Different eigenstates are orthogonal: for $m \neq n$ ,

\int_0^L \psi_m(x)\,\psi_n(x)\,dx = 0

Combined with normalization this is $\int_0^L \psi_m\psi_n\,dx = \delta_{mn}$ . A quick way to see it: use the product-to-sum identity $\sin a\sin b = \tfrac{1}{2}[\cos(a-b)-\cos(a+b)]$ . Both cosine integrals over $[0,L]$ vanish when $m \neq n$ , because the cosine completes whole periods on the interval.

Why orthogonality matters

Orthogonality of the $\psi_n$ is the single most useful property of the box. It means any wave function on $[0,L]$ (vanishing at the walls) can be expanded as a Fourier sine series: $\Psi(x) = \sum_{n=1}^\infty c_n\,\psi_n(x)$ with $c_n = \int_0^L \psi_n(x)\,\Psi(x)\,dx$ . Time evolution then becomes trivial because each piece carries its own phase factor $e^{-iE_n t/\hbar}$ .
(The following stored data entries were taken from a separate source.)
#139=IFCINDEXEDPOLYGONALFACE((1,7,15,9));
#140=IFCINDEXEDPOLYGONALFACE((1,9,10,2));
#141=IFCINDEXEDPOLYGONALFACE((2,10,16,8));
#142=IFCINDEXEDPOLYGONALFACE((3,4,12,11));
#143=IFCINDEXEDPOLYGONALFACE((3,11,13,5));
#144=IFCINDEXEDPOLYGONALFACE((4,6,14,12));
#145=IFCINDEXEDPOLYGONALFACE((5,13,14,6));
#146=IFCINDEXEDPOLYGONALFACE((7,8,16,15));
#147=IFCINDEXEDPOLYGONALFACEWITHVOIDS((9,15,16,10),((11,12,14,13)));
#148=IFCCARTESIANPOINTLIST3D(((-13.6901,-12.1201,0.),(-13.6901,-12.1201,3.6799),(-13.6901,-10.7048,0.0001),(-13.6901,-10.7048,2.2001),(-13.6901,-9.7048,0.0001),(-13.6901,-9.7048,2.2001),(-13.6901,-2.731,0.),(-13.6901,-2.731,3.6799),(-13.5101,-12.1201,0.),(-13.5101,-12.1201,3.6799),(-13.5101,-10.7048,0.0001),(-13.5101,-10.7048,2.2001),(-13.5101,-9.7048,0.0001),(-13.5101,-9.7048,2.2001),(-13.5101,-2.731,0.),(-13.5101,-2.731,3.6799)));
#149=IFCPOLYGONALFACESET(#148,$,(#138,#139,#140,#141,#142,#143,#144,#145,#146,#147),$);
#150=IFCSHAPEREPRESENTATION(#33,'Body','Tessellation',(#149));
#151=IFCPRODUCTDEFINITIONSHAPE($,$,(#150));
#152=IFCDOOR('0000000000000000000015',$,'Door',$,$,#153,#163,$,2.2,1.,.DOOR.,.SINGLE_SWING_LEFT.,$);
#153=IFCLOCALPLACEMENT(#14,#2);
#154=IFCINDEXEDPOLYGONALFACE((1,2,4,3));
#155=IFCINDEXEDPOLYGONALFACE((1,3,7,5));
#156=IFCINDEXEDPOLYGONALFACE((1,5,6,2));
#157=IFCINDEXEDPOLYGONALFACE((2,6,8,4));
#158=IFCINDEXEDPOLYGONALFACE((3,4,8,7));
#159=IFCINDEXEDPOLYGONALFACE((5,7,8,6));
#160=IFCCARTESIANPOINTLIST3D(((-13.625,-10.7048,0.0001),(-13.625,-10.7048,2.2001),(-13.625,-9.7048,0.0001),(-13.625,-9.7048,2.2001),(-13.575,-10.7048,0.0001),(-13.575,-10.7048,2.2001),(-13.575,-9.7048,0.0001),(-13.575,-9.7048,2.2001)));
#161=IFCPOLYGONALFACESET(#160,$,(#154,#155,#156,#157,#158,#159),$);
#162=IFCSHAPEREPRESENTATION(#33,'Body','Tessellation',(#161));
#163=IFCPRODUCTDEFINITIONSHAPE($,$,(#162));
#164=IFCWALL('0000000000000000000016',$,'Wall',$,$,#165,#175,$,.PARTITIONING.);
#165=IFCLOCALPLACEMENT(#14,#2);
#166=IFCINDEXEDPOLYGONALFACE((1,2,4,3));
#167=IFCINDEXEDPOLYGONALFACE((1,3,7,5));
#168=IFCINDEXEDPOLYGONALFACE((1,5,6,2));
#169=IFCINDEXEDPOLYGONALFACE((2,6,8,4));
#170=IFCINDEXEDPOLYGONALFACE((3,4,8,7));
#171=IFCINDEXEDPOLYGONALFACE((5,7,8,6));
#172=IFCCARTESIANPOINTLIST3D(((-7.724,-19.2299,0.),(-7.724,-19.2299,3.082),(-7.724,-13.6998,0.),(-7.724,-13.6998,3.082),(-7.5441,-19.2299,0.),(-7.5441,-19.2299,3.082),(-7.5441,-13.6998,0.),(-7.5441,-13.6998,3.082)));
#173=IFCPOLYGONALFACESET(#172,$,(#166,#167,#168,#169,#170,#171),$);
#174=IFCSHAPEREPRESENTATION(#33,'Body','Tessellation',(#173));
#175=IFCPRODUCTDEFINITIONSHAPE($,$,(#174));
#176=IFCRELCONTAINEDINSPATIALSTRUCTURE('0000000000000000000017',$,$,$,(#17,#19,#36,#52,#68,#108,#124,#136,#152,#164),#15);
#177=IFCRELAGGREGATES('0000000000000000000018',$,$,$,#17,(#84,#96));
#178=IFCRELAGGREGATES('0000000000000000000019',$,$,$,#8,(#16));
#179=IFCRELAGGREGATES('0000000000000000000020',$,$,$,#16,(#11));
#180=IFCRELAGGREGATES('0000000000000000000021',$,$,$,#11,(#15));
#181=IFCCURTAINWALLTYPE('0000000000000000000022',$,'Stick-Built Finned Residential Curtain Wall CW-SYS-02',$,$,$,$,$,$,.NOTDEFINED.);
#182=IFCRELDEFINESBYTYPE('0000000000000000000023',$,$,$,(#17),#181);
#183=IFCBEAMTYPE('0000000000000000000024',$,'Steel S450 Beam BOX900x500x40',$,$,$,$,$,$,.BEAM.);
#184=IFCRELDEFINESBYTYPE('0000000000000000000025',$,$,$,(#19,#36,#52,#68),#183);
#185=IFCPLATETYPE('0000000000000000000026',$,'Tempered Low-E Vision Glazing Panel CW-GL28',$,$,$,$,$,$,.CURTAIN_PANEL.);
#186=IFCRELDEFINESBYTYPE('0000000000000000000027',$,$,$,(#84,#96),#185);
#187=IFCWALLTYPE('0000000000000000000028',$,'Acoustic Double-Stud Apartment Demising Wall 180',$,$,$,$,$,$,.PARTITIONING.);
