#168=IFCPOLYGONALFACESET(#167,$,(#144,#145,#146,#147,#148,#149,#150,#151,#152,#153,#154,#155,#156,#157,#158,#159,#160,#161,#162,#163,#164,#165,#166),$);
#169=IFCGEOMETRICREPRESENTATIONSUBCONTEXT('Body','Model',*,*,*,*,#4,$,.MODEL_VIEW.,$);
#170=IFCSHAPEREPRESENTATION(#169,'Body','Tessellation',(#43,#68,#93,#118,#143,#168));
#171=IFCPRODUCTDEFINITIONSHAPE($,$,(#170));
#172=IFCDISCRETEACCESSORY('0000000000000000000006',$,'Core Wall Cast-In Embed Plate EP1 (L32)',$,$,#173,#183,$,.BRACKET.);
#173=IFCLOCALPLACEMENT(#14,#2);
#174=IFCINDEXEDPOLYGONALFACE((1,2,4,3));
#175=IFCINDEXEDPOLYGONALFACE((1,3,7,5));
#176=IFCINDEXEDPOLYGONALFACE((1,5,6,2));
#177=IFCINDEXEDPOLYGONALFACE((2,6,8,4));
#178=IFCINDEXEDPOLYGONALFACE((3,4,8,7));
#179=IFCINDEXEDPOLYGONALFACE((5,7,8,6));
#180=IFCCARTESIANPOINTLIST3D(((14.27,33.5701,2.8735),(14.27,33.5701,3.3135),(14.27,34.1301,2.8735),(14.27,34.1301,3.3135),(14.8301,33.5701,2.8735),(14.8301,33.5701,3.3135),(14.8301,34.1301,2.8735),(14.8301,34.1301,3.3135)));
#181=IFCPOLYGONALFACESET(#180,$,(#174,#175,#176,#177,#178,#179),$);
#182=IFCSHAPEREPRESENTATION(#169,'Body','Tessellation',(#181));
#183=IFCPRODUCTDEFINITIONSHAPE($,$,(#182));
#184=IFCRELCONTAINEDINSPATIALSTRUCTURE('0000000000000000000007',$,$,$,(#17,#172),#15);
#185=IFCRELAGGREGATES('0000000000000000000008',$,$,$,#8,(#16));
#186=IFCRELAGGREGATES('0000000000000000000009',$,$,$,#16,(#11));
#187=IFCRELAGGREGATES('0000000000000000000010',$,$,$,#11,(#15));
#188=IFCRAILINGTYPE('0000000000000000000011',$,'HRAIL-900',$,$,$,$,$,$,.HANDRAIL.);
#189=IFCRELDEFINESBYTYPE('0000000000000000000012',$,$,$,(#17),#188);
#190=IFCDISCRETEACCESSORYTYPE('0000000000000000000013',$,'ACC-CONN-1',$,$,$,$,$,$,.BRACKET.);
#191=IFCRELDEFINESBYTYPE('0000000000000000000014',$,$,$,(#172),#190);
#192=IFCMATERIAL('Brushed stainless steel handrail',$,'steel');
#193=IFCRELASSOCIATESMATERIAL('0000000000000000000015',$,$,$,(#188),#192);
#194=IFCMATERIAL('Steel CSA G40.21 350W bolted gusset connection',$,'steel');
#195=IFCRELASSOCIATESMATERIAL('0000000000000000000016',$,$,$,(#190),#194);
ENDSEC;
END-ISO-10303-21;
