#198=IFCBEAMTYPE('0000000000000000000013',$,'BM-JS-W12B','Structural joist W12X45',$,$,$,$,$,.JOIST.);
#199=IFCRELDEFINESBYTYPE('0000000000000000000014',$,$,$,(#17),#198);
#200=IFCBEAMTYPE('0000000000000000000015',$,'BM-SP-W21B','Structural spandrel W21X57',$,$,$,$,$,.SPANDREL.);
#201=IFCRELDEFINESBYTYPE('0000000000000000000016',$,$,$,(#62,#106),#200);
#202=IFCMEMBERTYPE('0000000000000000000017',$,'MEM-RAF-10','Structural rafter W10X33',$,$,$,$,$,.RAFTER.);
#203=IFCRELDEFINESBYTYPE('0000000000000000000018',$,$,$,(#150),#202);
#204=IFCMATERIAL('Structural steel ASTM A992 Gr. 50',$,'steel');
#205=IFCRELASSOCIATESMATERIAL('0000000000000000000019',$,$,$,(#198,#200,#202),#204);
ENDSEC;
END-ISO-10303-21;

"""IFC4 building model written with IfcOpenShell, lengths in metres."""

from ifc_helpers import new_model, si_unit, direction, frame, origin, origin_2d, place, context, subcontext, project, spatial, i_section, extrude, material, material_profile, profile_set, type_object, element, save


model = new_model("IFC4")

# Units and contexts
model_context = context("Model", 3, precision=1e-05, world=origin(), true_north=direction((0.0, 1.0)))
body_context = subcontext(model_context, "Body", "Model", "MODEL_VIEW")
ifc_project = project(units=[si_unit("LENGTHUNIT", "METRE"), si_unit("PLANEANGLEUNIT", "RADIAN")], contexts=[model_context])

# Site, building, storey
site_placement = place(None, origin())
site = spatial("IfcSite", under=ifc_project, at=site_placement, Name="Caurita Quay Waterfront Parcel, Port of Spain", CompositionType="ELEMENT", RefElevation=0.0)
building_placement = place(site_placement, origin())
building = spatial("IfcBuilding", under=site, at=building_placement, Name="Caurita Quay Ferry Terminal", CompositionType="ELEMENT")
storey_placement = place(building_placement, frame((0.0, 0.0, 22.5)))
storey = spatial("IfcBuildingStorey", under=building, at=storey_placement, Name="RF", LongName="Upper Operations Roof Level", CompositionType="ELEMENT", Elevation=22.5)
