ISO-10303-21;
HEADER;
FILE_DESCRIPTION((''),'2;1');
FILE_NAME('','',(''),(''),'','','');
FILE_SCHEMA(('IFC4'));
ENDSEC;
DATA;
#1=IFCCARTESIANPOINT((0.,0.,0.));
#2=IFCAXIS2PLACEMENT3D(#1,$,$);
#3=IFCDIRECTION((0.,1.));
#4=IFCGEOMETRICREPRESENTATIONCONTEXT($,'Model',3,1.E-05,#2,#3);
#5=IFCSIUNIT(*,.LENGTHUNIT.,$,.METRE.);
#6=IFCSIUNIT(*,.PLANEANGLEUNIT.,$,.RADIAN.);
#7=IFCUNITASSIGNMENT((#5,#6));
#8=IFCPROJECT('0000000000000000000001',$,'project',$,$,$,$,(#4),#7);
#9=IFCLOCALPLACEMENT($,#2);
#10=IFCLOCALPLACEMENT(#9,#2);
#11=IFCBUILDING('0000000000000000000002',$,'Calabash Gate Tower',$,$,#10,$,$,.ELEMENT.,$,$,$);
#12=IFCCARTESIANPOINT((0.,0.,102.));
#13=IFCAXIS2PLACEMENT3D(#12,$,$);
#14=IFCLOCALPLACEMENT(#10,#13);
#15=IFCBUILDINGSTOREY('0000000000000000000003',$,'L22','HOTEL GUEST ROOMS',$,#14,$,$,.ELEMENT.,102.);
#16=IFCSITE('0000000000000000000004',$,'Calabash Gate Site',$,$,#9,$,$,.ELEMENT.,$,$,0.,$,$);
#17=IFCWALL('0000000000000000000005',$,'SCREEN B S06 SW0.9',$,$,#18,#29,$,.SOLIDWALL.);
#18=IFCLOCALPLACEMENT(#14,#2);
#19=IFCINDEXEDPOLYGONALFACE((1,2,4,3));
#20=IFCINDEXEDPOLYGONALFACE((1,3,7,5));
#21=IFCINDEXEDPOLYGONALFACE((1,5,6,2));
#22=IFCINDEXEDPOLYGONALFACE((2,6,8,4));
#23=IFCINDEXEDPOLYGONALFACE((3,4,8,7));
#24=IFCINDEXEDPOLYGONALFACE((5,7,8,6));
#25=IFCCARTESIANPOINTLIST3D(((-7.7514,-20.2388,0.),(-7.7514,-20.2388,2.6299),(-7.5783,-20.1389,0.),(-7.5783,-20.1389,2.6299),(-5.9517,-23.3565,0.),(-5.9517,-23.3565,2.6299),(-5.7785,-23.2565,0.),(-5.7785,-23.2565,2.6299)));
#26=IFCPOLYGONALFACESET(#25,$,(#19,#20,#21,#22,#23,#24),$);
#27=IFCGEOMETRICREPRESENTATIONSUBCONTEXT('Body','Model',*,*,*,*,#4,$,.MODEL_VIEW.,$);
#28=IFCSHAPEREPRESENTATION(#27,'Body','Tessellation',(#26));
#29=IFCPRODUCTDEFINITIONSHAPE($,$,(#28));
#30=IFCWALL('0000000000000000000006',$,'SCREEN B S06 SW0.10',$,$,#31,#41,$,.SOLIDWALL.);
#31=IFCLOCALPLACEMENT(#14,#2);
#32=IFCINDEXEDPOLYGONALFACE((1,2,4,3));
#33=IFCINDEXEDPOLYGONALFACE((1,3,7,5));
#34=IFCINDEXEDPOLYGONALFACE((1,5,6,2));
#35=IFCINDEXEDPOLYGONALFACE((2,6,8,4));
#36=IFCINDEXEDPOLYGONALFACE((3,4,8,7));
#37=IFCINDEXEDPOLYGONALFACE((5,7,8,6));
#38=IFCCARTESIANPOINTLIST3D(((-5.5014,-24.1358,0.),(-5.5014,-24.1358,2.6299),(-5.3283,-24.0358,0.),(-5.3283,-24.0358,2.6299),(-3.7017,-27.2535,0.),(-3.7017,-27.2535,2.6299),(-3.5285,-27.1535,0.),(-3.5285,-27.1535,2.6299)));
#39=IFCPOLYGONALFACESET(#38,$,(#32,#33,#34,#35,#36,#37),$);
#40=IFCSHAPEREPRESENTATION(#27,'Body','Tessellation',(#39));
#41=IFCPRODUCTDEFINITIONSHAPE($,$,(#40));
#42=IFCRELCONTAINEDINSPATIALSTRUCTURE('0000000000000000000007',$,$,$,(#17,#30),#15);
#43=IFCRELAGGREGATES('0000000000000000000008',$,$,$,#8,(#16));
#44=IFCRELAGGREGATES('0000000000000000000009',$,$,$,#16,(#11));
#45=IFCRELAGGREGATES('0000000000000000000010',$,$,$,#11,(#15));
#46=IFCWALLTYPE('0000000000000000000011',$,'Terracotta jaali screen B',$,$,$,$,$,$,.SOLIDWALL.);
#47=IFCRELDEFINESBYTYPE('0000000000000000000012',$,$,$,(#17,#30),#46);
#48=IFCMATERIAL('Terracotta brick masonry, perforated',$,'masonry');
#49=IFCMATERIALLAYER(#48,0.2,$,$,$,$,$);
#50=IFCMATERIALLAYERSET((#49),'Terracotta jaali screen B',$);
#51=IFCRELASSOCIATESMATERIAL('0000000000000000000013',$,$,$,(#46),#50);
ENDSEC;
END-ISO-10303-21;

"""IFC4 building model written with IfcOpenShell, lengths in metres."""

from ifc_helpers import new_model, si_unit, direction, frame, frame_2d, origin, place, context, subcontext, project, spatial, rectangle, extrude, material, layer, layer_set, type_object, element, save


model = new_model("IFC4")

# Units and contexts
model_context = context("Model", 3, precision=1e-05, world=origin(), true_north=direction((0.0, 1.0)))
body_context = subcontext(model_context, "Body", "Model", "MODEL_VIEW")
ifc_project = project(units=[si_unit("LENGTHUNIT", "METRE"), si_unit("PLANEANGLEUNIT", "RADIAN")], contexts=[model_context])

# Site, building, storey
site_placement = place(None, origin())
site = spatial("IfcSite", under=ifc_project, at=site_placement, Name="Calabash Gate Site", CompositionType="ELEMENT", RefElevation=0.0)
building_placement = place(site_placement, origin())
building = spatial("IfcBuilding", under=site, at=building_placement, Name="Calabash Gate Tower", CompositionType="ELEMENT")
storey_placement = place(building_placement, frame((0.0, 0.0, 102.0)))
storey = spatial("IfcBuildingStorey", under=building, at=storey_placement, Name="L22", Description="HOTEL GUEST ROOMS", CompositionType="ELEMENT", Elevation=102.0)

# Walls
ifc_material_1 = material(Name="Terracotta brick masonry, perforated", Category="masonry")
ifc_layer_1 = layer(ifc_material_1, 0.2)
ifc_layer_set_1 = layer_set([ifc_layer_1], Name="Terracotta jaali screen B")
wall_type_1 = type_object("IfcWallType", Name="Terracotta jaali screen B", PredefinedType="SOLIDWALL", material=ifc_layer_set_1)
for number, where, z_axis, x_axis, name in (
    (1, (-7.6648, -20.189, 0.0), (0.0, 0.0, 1.0), (0.499961, -0.866048, 0.0), "SCREEN B S06 SW0.9"),
    (2, (-5.4148, -24.0859, 0.0), (0.0, 0.0, 1.0), (0.499961, -0.866048, 0.0), "SCREEN B S06 SW0.10"),
):
    element("IfcWall", number, at=place(storey_placement, frame(where, z_axis=z_axis, x_axis=x_axis)), inside=storey, type_object=wall_type_1, Name=name, PredefinedType="SOLIDWALL", context=body_context, shape_type="SweptSolid", body=[
        extrude(rectangle(XDim=3.5999, YDim=0.2, at=frame_2d((1.7998, 0.0))), origin(), (0.0, 0.0, 1.0), 2.6299),
    ])

save(model, "model.ifc")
Interactive: Eigenstate Explorer

Move the sliders. n picks the quantum number; L stretches or shrinks the box. Watch what each change does:

Increasing n adds nodes (interior zeros where $\psi = 0$ ) and pushes the energy up like $n^2$ .
Increasing L stretches the wave horizontally and lowers every energy as $1/L^2$ .
For even $n$ , the box centre $x = L/2$ is a node — the particle is never found exactly in the middle. For odd $n$ it is an antinode (the most likely spot).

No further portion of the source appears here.